Весть о начавшемся движении в Нижнем Новгороде оба противоборствующих лагеря — московские бояре вкупе с польским гарнизоном и подмосковные казацкие таборы — встретили, как ни странно, одинаково — со страхом и неприкрытой враждебностью, ибо приход нового земского ополчения к Москве значил и для тех, и для других только одно — верную погибель.
Первое, что сделал Гонсевский, прочитав грамоту Пожарского, устремился в тёмную келью Чудова монастыря, где томился Гермоген. Старец лежал на лавке, устремив свой просветлённый взор к иконе, освещённой лампадкой. Он даже не пошевелился, когда к нему ворвался полковник, грозно бряцая оружием. Отбросив присущее ему сладкое притворство, Гонсевский принялся орать, требуя, чтобы Гермоген немедленно написал нижегородцам увещевание распустить ополчение и оставаться в верности Владиславу.
Гермоген просветлел лицом, услышав радостную весть о восстании Нижнего Новгорода, — значит, его призывы об очищении Русской земли от иноверцев были услышаны, и негромко, но очень чётко и ясно произнёс:
— Да будет над ними милость от Бога и от нашего смирения благословение!
Затем наконец повернул голову к Гонсевскому и, с трудом подняв исхудалую длань с указующим перстом, окрепшим голосом провозгласил:
— А на изменников да излиётся от Бога гнев, а от нашего смирения да будут прокляты в сём веке и в будущем!
Ввалившиеся было в келью следом за поляком московские бояре в испуге шарахнулись назад.
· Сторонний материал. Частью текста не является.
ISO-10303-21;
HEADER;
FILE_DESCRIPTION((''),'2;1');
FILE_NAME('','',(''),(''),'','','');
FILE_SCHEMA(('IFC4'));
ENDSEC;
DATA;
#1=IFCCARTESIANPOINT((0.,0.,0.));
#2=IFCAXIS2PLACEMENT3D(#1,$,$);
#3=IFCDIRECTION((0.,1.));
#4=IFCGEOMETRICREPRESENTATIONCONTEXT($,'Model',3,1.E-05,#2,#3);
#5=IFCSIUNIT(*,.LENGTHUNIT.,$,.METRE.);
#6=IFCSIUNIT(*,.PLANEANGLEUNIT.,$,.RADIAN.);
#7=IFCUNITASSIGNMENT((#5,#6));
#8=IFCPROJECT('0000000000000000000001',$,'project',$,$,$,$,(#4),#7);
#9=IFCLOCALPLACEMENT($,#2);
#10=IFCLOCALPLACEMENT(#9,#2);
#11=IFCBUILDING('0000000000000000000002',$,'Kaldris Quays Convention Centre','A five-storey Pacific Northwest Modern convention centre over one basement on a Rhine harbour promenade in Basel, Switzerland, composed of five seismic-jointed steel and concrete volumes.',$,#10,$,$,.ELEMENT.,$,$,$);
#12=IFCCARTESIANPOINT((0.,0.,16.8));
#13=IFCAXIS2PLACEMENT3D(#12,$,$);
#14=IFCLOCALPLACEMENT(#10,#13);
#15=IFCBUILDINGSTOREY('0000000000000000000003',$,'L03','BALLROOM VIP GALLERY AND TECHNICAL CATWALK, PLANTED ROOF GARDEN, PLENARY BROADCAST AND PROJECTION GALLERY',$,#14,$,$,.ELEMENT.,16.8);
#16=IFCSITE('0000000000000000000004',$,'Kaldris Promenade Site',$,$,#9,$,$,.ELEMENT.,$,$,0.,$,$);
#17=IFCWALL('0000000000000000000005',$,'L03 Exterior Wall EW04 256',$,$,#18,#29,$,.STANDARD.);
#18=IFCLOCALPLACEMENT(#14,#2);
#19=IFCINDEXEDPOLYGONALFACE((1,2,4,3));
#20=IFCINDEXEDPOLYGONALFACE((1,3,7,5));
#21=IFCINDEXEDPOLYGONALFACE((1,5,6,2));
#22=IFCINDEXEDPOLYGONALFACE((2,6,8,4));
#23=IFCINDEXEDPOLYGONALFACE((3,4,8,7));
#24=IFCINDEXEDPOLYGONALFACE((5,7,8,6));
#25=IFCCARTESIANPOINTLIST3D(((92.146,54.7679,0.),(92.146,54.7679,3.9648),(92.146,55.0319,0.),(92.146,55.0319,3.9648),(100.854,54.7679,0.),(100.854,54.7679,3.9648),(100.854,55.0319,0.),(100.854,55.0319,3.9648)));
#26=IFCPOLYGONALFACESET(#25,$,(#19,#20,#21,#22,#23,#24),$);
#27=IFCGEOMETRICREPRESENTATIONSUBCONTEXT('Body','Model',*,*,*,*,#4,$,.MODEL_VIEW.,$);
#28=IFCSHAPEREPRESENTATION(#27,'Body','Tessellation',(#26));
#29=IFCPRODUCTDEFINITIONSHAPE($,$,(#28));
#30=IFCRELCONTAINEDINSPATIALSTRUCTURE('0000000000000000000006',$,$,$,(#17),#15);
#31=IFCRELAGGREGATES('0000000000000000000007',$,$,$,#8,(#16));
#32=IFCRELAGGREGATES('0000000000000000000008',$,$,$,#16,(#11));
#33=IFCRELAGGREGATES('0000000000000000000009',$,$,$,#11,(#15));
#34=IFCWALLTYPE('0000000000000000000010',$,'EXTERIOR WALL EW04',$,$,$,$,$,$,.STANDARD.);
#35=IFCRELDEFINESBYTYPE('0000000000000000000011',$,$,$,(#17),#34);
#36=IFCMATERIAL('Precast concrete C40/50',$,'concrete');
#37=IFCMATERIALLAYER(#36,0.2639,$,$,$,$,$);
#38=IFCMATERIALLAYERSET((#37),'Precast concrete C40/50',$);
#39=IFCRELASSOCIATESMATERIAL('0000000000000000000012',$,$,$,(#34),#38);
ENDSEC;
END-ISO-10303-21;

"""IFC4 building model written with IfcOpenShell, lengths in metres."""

from ifc_helpers import new_model, si_unit, direction, frame, frame_2d, origin, place, context, subcontext, project, spatial, rectangle, extrude, material, layer, layer_set, type_object, element, save


model = new_model("IFC4")

# Units and contexts
model_context = context("Model", 3, precision=1e-05, world=origin(), true_north=direction((0.0, 1.0)))
body_context = subcontext(model_context, "Body", "Model", "MODEL_VIEW")
ifc_project = project(units=[si_unit("LENGTHUNIT", "METRE"), si_unit("PLANEANGLEUNIT", "RADIAN")], contexts=[model_context])

# Site, building, storey
site_placement = place(None, origin())
site = spatial("IfcSite", under=ifc_project, at=site_placement, Name="Kaldris Promenade Site", CompositionType="ELEMENT", RefElevation=0.0)
building_placement = place(site_placement, origin())
building = spatial("IfcBuilding", under=site, at=building_placement, Name="Kaldris Quays Convention Centre", Description="A five-storey Pacific Northwest Modern convention centre over one basement on a Rhine harbour promenade in Basel, Switzerland, composed of five seismic-jointed steel and concrete volumes.", CompositionType="ELEMENT")
storey_placement = place(building_placement, frame((0.0, 0.0, 16.8)))
storey = spatial("IfcBuildingStorey", under=building, at=storey_placement, Name="L03", Description="BALLROOM VIP GALLERY AND TECHNICAL CATWALK, PLANTED ROOF GARDEN, PLENARY BROADCAST AND PROJECTION GALLERY", CompositionType="ELEMENT", Elevation=16.8)

# Wall
ifc_material_1 = material(Name="Precast concrete C40/50", Category="concrete")
ifc_layer = layer(ifc_material_1, 0.2639)
ifc_layer_set = layer_set([ifc_layer], Name="Precast concrete C40/50")
wall_type = type_object("IfcWallType", Name="EXTERIOR WALL EW04", PredefinedType="STANDARD", material=ifc_layer_set)
wall_1_placement = place(storey_placement, frame((92.146, 54.8999, 0.0), z_axis=(0.0, 0.0, 1.0), x_axis=(1.0, 0.0, 0.0)))
element("IfcWall", 1, at=wall_1_placement, inside=storey, type_object=wall_type, Name="L03 Exterior Wall EW04 256", PredefinedType="STANDARD", context=body_context, shape_type="SweptSolid", body=[
    extrude(rectangle(XDim=8.708, YDim=0.2639, at=frame_2d((4.354, 0.0))), origin(), (0.0, 0.0, 1.0), 3.9648),
])

save(model, "model.ifc")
Побелел от страха и Гонсевский, вспомнивший вдруг предостережение, наказанное ему Яном Сапегой на смертном одре. Он резко повернулся к двери, прошипев:
— Ты раньше меня сдохнешь, пся крев!
Через несколько дней ужас объял всех православных: неведомыми путями разнеслась горестная правда: мученическую смерть принял пресвятый столп веры — патриарх Гермоген. Поляки уморили его голодом.
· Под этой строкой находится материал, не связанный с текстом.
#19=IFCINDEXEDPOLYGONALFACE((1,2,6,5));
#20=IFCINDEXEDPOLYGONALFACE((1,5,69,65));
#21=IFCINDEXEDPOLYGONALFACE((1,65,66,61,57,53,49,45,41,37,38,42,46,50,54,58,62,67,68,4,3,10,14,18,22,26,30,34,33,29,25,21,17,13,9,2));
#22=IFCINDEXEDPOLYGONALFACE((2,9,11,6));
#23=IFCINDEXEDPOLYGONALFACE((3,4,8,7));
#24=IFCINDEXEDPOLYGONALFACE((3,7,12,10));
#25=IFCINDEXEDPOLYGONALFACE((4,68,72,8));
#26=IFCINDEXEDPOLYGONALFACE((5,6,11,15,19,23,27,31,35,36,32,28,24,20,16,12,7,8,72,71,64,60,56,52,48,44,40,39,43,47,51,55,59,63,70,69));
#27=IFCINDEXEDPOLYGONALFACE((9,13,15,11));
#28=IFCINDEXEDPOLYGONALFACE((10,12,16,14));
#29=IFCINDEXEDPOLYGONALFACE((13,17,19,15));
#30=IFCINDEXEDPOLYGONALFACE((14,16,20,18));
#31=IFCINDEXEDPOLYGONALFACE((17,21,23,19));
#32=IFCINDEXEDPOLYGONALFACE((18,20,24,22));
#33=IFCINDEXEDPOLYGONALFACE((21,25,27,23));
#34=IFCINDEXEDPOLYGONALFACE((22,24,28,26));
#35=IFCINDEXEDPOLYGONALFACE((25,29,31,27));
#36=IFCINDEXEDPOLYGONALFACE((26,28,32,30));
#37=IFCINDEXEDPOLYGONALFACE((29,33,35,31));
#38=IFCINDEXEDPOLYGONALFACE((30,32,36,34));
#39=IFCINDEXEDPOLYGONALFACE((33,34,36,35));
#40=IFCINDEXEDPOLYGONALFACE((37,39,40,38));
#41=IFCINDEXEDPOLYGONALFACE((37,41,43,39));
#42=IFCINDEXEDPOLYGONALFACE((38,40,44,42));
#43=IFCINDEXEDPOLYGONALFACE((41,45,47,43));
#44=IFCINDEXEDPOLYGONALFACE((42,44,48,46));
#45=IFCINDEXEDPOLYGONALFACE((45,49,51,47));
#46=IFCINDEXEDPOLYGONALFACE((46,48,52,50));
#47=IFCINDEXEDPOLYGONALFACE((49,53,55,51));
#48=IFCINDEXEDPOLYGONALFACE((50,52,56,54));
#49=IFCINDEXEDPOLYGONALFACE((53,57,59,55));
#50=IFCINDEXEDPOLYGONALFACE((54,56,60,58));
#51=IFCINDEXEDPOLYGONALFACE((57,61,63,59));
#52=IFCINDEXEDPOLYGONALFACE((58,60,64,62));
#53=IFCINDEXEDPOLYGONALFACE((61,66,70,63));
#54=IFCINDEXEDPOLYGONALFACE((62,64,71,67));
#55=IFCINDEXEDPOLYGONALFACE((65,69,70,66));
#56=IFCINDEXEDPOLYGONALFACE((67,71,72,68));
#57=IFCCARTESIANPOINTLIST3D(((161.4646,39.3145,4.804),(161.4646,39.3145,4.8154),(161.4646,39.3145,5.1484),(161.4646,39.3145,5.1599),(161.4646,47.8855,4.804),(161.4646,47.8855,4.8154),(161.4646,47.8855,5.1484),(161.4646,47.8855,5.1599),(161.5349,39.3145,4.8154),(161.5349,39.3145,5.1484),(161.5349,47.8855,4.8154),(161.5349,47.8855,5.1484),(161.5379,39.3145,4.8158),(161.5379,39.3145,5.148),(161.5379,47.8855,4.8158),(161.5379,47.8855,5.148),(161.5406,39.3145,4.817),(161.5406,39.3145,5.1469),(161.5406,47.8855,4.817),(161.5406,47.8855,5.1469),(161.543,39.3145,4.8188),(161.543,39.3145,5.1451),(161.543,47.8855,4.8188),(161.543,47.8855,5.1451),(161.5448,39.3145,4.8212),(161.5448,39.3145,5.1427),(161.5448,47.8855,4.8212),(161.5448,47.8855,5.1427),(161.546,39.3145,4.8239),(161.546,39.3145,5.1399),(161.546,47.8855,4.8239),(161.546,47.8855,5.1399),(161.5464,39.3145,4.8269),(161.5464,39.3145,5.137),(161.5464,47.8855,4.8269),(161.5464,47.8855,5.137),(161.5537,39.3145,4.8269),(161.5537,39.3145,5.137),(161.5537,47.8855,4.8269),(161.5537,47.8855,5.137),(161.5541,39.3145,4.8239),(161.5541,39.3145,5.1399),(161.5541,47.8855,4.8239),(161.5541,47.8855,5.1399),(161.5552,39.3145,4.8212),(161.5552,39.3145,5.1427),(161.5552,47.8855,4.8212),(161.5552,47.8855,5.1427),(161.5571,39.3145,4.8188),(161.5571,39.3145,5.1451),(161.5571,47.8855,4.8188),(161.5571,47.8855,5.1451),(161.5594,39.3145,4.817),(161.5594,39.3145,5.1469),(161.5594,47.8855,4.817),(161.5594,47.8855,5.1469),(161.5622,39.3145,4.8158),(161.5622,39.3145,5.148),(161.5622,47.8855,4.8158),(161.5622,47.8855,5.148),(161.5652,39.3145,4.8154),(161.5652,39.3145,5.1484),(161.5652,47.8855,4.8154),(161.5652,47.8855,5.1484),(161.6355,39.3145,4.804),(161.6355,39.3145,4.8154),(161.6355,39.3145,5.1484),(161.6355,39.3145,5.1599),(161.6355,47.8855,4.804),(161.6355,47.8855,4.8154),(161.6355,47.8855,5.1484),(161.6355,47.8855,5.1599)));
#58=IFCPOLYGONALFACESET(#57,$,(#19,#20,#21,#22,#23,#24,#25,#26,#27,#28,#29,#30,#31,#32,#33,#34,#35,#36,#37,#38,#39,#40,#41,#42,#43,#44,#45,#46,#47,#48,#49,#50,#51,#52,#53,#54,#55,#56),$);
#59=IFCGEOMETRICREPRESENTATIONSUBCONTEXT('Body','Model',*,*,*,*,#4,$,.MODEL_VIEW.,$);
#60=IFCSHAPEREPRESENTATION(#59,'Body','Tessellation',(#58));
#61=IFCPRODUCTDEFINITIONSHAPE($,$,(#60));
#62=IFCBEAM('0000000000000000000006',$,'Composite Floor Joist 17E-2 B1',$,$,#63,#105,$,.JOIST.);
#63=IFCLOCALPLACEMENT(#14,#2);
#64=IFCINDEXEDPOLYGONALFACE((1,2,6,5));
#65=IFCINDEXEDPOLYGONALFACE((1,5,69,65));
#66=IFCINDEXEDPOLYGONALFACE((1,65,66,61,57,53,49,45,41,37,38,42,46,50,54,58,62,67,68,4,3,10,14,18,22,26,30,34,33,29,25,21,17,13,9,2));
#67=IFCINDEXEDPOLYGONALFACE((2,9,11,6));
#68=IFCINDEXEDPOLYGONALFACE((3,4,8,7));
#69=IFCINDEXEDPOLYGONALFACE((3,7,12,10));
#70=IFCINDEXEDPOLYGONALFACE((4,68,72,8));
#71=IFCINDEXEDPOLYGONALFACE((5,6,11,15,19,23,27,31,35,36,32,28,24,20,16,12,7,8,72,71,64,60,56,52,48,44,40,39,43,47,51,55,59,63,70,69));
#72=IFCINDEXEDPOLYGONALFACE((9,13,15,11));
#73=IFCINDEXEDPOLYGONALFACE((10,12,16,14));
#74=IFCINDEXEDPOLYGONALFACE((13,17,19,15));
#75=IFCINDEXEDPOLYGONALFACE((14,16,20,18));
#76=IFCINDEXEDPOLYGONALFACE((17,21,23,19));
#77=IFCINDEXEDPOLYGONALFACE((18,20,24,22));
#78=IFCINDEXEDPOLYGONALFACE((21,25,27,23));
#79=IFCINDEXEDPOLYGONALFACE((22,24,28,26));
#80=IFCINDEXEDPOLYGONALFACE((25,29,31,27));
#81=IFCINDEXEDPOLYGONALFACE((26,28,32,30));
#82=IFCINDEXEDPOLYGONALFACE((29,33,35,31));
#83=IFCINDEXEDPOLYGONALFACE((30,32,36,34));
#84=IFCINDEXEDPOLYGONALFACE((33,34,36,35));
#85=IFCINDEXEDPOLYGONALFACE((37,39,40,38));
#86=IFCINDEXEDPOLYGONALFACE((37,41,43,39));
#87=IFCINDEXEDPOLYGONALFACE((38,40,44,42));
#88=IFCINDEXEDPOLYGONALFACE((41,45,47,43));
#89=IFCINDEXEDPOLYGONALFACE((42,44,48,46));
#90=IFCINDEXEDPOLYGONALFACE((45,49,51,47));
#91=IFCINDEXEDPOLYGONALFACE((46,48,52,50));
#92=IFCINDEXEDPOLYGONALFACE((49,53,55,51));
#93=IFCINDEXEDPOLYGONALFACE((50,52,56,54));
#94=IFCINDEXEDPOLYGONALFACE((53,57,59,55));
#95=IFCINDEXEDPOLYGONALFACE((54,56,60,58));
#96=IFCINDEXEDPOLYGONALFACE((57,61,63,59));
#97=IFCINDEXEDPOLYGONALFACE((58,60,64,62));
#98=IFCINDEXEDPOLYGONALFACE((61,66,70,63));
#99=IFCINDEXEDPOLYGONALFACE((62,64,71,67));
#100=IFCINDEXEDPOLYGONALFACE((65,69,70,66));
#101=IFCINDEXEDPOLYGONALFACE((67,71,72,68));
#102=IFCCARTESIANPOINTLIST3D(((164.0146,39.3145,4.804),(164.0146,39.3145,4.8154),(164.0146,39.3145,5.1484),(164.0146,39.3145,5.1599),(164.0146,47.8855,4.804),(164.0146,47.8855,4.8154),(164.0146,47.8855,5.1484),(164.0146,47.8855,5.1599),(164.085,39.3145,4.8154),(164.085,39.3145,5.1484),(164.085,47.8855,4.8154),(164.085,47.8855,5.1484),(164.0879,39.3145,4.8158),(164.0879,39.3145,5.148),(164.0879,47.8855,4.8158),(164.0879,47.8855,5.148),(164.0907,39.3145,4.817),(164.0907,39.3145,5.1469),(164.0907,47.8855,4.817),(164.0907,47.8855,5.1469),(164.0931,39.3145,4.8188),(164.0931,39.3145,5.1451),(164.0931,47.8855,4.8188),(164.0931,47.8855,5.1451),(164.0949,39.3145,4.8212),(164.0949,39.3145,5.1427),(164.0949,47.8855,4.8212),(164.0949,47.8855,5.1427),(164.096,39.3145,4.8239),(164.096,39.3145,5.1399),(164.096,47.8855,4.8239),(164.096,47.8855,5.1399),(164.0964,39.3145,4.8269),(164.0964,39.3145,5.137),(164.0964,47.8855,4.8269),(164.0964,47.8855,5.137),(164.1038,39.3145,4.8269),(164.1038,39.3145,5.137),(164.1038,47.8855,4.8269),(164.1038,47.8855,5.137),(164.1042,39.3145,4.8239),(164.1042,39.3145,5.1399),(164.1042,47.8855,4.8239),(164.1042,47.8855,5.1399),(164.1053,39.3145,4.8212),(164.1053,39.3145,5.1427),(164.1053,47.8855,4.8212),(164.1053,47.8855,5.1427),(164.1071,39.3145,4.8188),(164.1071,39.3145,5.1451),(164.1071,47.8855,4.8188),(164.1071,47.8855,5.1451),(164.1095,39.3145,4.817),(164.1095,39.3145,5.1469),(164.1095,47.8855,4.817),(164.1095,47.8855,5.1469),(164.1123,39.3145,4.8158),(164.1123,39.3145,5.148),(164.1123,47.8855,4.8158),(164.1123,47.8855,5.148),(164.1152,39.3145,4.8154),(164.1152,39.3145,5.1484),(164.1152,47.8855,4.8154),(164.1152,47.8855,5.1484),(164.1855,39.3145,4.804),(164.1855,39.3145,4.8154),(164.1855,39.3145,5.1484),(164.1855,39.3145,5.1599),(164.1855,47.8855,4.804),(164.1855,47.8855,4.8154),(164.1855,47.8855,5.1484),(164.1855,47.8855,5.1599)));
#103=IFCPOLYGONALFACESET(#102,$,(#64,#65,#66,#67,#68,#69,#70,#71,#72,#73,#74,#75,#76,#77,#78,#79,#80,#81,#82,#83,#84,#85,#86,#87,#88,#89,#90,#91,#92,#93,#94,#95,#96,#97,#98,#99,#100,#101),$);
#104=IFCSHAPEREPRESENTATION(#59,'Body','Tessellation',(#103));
Вскоре в стан русского воинства в Нижнем Новгороде пришла ещё одна ошеломляющая весть: казацкие таборы оставили, казалось, мысль о выборе на царство сына Марины Мнишек и неожиданно присягнули новому самозванцу из Пскова, признав в нём чудесно спасшегося уже в третий раз царя Димитрия Ивановича.
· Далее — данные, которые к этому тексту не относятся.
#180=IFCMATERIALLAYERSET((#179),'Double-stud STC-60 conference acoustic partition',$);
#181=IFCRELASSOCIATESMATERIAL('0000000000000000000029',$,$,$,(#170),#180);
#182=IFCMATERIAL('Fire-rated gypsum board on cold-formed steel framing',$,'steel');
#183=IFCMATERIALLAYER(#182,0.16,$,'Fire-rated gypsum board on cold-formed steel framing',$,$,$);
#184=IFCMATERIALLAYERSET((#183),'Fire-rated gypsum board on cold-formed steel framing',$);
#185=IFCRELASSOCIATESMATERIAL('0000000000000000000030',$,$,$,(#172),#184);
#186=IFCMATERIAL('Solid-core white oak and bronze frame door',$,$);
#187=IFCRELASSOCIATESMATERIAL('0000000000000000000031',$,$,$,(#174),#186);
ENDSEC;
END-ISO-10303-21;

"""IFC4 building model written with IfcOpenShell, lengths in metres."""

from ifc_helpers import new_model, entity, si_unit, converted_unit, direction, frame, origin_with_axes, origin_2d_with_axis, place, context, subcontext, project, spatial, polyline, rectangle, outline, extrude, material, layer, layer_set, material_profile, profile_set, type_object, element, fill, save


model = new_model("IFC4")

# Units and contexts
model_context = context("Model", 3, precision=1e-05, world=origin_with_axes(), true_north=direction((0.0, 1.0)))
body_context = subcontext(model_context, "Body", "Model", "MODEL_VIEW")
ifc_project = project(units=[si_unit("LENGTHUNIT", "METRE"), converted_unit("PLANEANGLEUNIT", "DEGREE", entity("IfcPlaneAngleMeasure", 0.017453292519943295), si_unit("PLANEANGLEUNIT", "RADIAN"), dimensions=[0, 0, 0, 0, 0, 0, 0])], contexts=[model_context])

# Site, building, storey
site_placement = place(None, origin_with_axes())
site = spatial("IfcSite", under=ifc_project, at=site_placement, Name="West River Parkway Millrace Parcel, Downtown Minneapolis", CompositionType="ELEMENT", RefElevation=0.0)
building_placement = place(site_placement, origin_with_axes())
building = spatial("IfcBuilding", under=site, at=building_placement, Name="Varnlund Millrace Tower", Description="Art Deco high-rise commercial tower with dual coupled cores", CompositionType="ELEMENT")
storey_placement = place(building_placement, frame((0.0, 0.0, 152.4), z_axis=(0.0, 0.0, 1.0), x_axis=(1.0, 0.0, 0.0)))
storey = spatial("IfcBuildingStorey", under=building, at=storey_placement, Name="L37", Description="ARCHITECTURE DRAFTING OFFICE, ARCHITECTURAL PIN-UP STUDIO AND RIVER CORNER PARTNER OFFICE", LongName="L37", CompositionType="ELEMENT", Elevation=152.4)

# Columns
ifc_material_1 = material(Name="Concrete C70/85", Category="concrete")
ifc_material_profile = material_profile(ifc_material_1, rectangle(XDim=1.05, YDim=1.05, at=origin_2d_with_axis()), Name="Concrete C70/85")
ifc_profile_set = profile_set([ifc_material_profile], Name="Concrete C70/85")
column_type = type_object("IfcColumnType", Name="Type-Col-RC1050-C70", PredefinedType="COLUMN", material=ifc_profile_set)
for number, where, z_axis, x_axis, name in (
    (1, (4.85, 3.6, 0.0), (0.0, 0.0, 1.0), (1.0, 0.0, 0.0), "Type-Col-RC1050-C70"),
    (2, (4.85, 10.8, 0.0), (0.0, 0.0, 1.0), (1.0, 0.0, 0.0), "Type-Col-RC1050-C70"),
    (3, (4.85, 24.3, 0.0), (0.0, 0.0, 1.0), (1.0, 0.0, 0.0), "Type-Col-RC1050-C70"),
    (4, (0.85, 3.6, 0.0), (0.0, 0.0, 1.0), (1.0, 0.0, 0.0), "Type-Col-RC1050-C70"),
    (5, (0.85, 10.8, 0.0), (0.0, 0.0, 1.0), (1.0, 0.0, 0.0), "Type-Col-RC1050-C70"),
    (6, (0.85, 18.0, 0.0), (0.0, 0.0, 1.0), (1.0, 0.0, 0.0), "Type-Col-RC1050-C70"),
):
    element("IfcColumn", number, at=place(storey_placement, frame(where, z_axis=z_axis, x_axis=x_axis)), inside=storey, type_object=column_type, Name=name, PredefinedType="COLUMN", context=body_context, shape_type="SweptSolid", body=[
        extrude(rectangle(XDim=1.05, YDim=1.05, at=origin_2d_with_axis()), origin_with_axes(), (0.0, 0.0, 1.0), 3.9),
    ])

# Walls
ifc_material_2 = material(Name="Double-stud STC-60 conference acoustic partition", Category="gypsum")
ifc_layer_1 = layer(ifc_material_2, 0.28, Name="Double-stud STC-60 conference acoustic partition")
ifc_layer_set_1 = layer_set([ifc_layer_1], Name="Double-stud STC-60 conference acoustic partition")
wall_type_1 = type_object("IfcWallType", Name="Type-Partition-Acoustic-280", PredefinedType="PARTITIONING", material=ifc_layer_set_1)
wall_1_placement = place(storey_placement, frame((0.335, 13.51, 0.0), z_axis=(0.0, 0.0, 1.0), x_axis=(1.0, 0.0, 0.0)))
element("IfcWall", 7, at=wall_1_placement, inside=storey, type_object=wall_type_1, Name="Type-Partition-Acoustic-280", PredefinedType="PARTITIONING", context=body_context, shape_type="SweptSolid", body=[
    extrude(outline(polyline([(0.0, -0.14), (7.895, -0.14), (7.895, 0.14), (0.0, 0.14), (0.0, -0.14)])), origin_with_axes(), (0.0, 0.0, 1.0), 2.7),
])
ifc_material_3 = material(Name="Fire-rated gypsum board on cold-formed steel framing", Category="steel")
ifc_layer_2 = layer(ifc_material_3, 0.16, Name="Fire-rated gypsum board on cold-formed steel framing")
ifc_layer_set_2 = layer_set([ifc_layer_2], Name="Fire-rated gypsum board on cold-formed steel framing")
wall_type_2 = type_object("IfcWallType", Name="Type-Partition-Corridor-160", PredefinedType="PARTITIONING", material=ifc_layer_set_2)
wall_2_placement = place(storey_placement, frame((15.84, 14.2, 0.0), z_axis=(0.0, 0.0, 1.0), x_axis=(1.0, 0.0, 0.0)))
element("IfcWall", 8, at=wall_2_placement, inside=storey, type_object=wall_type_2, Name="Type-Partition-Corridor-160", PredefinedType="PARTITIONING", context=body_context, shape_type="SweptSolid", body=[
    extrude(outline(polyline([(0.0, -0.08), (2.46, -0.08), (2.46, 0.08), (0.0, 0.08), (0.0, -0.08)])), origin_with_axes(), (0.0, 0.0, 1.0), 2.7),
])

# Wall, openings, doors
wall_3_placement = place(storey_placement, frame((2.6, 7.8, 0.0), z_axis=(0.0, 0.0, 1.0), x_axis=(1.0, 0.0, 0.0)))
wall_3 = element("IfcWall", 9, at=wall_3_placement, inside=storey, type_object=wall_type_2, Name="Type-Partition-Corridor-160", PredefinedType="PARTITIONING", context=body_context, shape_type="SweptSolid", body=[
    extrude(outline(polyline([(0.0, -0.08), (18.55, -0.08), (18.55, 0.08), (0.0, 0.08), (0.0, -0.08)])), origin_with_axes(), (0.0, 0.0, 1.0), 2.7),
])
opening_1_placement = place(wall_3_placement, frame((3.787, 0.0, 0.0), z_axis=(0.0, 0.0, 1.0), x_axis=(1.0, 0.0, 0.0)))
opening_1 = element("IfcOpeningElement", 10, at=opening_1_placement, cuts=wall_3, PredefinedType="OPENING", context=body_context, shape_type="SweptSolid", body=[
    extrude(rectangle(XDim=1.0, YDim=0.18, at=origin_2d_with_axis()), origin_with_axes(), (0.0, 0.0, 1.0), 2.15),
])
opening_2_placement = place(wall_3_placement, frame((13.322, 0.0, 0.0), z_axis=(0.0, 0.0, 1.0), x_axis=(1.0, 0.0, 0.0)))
Об этом известил Пожарского его давний соратник Артемий Измайлов, вернувшийся из-под Москвы во Владимир. О «псковском воре» в Нижнем слышали давно, ещё с минувшей весны, но особого значения не придавали. Лазутчики, посланные под Москву и в Псков, вернувшись, поведали, что под именем Димитрия скрывается беглый дьякон Матюшка Верёвкин, служивший в церкви за Яузой. Родом он из детей боярских, проживавших в Стародубе, где впервые объявился в своё время «тушинский царик». Многие из Верёвкиных поступили тогда к нему на службу. Затем, когда Лжедимитрий был убит, часть из них перешла на службу к Сигизмунду, за что были пожалованы землёй. Сам же Матюшка сбёг к Москве, где избрал карьеру священнослужителя. После разорения Москвы он ушёл в Новгород, где какое-то время занимался мелкой торговлей. Хорошо зная прежнего самозванца, Матюшка решил повторить его путь и в один прекрасный день объявил на торговой площади своё «царское имя». Новгородцы не поверили его вранью и осыпали самозванца бранью и угрозами. Тот поспешно бежал и вскоре объявился в Ивангороде.
Здесь он подготовился к своему «вхождению во власть» гораздо более тщательно, и простодушные горожане были буквально приворожены его красочным рассказом о случившихся с ним приключениях: как он, будучи малолетним ребёнком, был зарезан в Угличе, но сумел спастись, как, будучи сожжённым в Москве, успешно бежал в Стародуб, как с отрубленной головой в Калуге снова чудесным образом избежал смерти.
Радость доверчивых ивангородцев была неописуемой: по поводу чудесного спасения «государя» с крепостных стен три дня палили пушки.